Although it’s not tiny, Ubatuba definitely feels more like a town than a city, and I’ve really enjoyed that. The touristy waterfront is basically divided into two sections that are a short walk away from one another: Centro in the north and Barra da Lagoa to the south. There are also a fair number of restaurants, bars, resorts, and shops along Praia Grande beach.

A colorful alleyway in Barra da Lagoa, Ubatuba

Centro has everything you’d expect in the center of a small resort town. There are a number of historic buildings, including a beautiful old church (Paróquia Exaltação da Santa Cruz).

Paróquia Exaltação da Santa Cruz in Centro

Another interesting attraction in Centro is the walking street adjacent to Praça Nóbrega. The paved tiles there have this beautiful tessellated fish pattern as shown below.

Barra da Lagoa is a nice part of town that clearly caters to tourists. For whatever reason, Ubatuba has a ton of pizzerias, and many of them are clustered in this small commercial area.

In terms of safety, I’m glad to report that Ubatuba feels like the safest place I’ve been to since I came to Brazil. Although I’m always aware of the risks of petty crime, I’ve never felt like I’ve had to keep my guard up here. I will say that the neighborhoods further inland (to the west) are probably residential without much to see, so I haven’t made an effort to go explore them and can’t comment on them specifically. Nonetheless, no part of town I’ve been to has given me a ‘bad vibe’ so far.

What's Next

My plan is to move to the small town of Cunha at the beginning of July. Although it’s not on the coast, Cunha looks like an interesting place to set up camp for two weeks. After that, I’m planning on spending the second half of the month in the famous town of Paraty in the state of Rio de Janeiro. If all is well, I’ll then be heading to the city of Rio, where I’ll be for two weeks before my flight to Lisbon leaves in mid-August.

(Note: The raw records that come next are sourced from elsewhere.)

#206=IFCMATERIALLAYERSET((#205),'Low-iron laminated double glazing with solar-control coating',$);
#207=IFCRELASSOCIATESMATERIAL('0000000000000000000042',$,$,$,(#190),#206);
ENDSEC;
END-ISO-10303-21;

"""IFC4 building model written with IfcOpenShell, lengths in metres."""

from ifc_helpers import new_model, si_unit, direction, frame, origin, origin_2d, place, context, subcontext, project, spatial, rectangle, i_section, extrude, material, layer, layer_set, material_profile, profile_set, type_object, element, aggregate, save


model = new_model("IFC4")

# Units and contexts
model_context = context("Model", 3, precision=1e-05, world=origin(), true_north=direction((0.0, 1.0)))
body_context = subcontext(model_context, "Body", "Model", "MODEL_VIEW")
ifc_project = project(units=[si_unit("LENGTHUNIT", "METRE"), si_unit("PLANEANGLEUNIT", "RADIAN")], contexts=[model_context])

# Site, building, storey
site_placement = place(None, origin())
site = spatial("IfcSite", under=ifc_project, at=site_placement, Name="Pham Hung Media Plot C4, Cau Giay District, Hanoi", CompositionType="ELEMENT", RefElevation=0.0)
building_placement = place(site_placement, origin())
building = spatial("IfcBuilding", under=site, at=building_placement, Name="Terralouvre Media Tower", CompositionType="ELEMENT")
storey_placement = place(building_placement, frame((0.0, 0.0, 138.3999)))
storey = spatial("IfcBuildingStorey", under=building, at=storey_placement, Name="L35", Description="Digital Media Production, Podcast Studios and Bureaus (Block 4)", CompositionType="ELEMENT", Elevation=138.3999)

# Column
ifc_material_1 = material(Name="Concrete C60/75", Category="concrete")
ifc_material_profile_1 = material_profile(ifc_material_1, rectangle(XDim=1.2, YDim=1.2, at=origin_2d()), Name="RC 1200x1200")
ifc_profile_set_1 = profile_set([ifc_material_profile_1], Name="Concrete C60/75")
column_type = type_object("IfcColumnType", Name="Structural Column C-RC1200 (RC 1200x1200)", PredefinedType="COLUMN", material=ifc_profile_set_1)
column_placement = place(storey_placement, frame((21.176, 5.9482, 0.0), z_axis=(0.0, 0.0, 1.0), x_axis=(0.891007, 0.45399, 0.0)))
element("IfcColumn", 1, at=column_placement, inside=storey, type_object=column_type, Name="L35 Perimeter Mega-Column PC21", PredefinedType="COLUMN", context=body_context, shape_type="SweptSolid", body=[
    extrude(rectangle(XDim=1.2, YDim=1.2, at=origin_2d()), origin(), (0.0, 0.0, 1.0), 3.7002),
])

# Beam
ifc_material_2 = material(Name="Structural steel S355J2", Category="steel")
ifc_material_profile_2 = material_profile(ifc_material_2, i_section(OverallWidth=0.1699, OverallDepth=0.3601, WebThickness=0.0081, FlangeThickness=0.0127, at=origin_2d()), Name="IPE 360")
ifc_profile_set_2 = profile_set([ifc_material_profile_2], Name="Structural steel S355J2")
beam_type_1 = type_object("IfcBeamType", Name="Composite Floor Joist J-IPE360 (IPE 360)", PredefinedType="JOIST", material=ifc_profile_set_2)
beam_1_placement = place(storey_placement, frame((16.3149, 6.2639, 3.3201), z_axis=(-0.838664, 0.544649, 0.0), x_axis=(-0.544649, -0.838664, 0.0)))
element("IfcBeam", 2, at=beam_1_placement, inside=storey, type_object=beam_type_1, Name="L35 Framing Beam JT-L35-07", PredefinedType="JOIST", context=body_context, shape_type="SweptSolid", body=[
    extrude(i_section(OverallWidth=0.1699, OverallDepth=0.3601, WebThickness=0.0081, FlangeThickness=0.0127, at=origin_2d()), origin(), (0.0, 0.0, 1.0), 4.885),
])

If I’m allowed to go, I do plan to spend the entire fall in Europe. I’m looking at spending a month in Portugal, a month in France, and a month in Italy. However, if the pandemic situation appears to take a turn for the worse, I’ll be ready at any point to stay put in one place for as long as I need to or fly back home to the US.

How have the past few months been for you? Is your community slowly reopening, or are you still under lockdown? Do you have any travel plans for later in the year? Leave a comment and let me know! Stay healthy and stay safe! Thanks for reading!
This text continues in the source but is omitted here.